Items to verify when applying real-time communication and observability in production environments.

Real-Time Communication

WebSocket handshake authentication implemented
Ping/Pong heartbeat interval configured
Auto-reconnection with exponential backoff implemented
Horizontal scaling prepared with Redis Pub/Sub
Message persistence ensured with Kafka or Redis Streams

Observability

All three pillars collected: metrics, logs, traces
OpenTelemetry Collector deployed and pipeline configured
Key indicators visualized in Grafana dashboards
Symptom-based alerting rules configured
On-call rotation and escalation policies established
Alert thresholds continuously tuned to prevent alert fatigue

Quiz: Real-Time Communication and Observability Key Review

Q1. What is the biggest difference between WebSocket and SSE?

A1. WebSocket supports bidirectional (full-duplex) communication, while SSE only supports unidirectional push from server to client. WebSocket is suitable for scenarios where both sides need to send data, such as chat or gaming. SSE is suitable for scenarios where the server unilaterally sends data, such as stock tickers or notifications.

Q2. What are the three pillars of observability and what is the role of each?

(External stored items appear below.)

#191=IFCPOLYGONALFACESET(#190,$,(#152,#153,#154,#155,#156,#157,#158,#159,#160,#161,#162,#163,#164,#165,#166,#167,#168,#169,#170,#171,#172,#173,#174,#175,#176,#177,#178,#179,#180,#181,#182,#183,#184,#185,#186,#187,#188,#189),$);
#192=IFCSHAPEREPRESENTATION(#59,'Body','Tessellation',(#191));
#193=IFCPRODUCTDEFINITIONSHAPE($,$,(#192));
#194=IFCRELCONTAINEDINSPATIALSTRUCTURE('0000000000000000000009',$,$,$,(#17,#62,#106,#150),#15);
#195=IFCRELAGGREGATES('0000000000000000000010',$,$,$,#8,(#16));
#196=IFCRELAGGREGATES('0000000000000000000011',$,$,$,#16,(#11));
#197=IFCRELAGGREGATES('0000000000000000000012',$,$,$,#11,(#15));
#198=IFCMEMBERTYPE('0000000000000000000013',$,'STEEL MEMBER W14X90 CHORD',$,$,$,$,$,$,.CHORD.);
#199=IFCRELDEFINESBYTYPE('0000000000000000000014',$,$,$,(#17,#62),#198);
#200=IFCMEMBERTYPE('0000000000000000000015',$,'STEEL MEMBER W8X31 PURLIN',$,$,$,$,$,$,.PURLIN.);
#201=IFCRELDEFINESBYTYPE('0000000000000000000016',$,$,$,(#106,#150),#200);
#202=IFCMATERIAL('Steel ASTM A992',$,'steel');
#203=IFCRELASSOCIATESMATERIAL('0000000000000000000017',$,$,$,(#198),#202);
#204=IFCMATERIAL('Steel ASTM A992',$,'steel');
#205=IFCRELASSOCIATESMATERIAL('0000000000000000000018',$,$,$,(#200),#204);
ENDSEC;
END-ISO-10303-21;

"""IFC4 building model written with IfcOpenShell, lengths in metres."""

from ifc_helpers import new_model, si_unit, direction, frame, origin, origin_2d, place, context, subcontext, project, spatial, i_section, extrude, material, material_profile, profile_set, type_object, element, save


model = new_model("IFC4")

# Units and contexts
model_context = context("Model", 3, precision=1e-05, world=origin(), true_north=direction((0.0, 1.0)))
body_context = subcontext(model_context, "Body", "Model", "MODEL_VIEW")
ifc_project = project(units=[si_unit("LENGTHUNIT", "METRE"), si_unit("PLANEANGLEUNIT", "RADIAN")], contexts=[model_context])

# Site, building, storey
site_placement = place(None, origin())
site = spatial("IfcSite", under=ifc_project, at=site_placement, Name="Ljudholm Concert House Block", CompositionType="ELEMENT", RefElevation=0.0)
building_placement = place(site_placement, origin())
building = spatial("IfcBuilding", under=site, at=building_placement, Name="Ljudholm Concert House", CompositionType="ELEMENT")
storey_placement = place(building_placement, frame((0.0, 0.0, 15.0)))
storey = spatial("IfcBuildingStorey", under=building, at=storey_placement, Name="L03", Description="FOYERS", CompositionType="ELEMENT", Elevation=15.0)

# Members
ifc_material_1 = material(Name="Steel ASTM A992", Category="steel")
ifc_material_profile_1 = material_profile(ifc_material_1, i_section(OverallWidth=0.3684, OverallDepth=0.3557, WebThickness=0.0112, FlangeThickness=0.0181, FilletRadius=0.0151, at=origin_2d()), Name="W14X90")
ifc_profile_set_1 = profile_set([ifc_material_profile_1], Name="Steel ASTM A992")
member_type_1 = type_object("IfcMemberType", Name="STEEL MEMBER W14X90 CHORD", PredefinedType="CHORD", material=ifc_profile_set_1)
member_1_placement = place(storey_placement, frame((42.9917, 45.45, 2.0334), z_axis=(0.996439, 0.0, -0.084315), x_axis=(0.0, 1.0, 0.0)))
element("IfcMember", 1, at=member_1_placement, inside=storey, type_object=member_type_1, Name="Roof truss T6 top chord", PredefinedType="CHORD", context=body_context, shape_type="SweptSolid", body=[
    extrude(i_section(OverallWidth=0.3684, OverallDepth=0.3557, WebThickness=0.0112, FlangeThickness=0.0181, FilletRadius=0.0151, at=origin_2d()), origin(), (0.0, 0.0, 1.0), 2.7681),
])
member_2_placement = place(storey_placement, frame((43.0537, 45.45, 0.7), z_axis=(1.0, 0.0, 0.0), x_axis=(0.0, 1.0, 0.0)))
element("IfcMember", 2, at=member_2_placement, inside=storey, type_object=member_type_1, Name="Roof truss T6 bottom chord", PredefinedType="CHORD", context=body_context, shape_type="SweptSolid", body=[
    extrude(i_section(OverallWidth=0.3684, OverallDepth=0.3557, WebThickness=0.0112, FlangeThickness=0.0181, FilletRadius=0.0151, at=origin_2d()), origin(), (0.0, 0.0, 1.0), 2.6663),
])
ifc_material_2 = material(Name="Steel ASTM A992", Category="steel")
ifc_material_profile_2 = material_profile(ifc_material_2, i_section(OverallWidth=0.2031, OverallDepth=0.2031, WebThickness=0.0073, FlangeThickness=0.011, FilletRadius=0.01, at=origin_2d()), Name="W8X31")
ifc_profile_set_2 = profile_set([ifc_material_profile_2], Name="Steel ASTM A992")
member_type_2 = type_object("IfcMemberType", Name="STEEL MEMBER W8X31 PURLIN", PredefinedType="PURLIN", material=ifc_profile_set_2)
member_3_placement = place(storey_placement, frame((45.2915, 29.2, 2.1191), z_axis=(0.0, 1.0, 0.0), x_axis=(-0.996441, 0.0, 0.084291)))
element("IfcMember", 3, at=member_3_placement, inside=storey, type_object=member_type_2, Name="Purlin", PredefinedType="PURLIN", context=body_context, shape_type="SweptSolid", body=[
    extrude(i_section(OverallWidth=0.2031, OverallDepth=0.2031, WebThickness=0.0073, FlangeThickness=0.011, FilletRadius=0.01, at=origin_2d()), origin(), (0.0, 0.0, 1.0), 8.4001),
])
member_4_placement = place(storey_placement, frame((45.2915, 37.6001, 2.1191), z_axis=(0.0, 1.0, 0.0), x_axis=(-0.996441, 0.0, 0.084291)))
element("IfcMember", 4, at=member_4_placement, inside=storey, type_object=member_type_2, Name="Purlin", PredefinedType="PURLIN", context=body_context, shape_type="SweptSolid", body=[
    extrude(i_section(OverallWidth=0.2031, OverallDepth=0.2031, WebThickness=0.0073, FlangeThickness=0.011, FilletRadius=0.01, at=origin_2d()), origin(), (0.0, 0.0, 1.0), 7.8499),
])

A2. Metrics are numeric time-series data for problem detection. Traces track request paths across distributed systems for bottleneck identification. Logs provide detailed event records for root cause analysis.

Q3. What are the key principles for preventing alert fatigue?

A3. Set only actionable alerts, base alerts on symptoms rather than causes, tier them into Critical/Warning/Info levels, group related alerts, and implement auto-resolve detection.